3. Whenever one object exerts a force on another object, the second object exerts an equal and opposite on the first."""))

# Summarize the law of universal gravitation
print(await kernel.invoke(summarize, input="""
Every point mass attracts every single other point mass by a force acting along the line intersecting both points.
The force is proportional to the product of the two masses and inversely proportional to the square of the distance between them."""))

# Output:
# > Energy conserved, entropy increases, zero entropy at 0K.
# > Objects move in response to forces.
# > Gravitational force between two point masses is inversely proportional to the square of the distance between them.

Semantic Kernel Notebooks

The repository contains a few Python and C# notebooks that demonstrates how to get started with the Semantic Kernel.

Python notebooks:

SK Frequently Asked Questions

How does Python SK compare to the C# version of Semantic Kernel?
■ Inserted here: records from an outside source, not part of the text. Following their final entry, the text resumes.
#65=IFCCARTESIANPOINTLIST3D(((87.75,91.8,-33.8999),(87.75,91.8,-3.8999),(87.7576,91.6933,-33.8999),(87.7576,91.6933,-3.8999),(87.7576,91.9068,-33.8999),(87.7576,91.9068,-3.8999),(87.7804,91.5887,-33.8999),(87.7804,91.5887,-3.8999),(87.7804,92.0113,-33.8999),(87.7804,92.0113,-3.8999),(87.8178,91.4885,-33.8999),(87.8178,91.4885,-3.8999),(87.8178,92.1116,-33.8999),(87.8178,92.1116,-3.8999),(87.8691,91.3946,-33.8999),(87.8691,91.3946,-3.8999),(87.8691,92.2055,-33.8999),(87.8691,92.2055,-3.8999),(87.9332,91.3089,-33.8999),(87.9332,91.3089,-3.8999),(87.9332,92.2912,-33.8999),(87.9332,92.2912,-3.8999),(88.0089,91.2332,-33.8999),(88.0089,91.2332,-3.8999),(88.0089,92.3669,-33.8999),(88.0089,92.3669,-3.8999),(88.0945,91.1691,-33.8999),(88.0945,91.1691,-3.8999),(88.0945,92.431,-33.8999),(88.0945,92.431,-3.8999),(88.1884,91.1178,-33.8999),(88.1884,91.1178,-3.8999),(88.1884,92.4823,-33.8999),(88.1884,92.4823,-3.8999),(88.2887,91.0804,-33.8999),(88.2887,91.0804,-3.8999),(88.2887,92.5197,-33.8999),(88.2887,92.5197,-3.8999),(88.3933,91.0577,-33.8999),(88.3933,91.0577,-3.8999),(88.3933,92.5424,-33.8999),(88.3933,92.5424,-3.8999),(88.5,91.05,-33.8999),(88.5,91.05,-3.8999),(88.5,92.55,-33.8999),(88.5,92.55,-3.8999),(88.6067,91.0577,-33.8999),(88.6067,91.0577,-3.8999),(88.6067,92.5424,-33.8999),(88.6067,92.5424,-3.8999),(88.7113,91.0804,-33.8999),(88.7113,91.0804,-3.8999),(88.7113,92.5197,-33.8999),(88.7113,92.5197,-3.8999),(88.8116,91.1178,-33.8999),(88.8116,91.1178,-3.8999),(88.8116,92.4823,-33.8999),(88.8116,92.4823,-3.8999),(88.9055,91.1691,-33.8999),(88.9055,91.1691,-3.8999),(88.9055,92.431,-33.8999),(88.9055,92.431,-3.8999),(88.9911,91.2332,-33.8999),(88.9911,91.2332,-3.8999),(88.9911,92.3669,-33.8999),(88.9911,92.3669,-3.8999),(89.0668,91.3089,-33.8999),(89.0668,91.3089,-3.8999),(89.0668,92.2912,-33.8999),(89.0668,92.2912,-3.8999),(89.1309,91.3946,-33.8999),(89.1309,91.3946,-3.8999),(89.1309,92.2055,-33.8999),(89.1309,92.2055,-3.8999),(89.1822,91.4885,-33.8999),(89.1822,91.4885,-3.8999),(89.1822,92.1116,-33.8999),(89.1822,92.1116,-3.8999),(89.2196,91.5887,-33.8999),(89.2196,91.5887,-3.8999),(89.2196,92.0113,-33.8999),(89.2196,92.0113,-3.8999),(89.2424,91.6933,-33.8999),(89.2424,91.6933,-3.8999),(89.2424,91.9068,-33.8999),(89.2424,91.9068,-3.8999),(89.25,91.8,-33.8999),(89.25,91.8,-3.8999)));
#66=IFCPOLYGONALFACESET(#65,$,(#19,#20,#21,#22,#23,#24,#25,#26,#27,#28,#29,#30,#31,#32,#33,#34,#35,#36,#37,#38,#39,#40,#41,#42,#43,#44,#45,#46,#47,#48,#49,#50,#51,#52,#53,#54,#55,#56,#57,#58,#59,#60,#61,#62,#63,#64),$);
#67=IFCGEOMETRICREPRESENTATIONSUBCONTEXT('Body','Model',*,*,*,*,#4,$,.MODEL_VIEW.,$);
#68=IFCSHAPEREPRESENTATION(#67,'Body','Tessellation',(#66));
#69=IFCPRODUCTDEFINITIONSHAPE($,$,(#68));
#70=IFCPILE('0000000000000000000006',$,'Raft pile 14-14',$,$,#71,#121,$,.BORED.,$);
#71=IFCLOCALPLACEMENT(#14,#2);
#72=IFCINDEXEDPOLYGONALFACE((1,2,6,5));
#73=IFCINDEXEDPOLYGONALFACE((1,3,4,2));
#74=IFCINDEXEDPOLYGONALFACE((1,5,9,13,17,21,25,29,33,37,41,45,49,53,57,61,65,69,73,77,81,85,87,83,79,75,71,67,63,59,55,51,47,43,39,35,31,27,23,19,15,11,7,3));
The two SDKs are compatible and at the core they follow the same design principles. Some features are still available only in the C# version, and being ported Refer to the FEATURE MATRIX doc to see where things stand in matching the features and functionality of the main SK branch. Over time there will be some features available only in the Python version, and others only in the C# version, for example adapters to external services, scientific libraries, etc.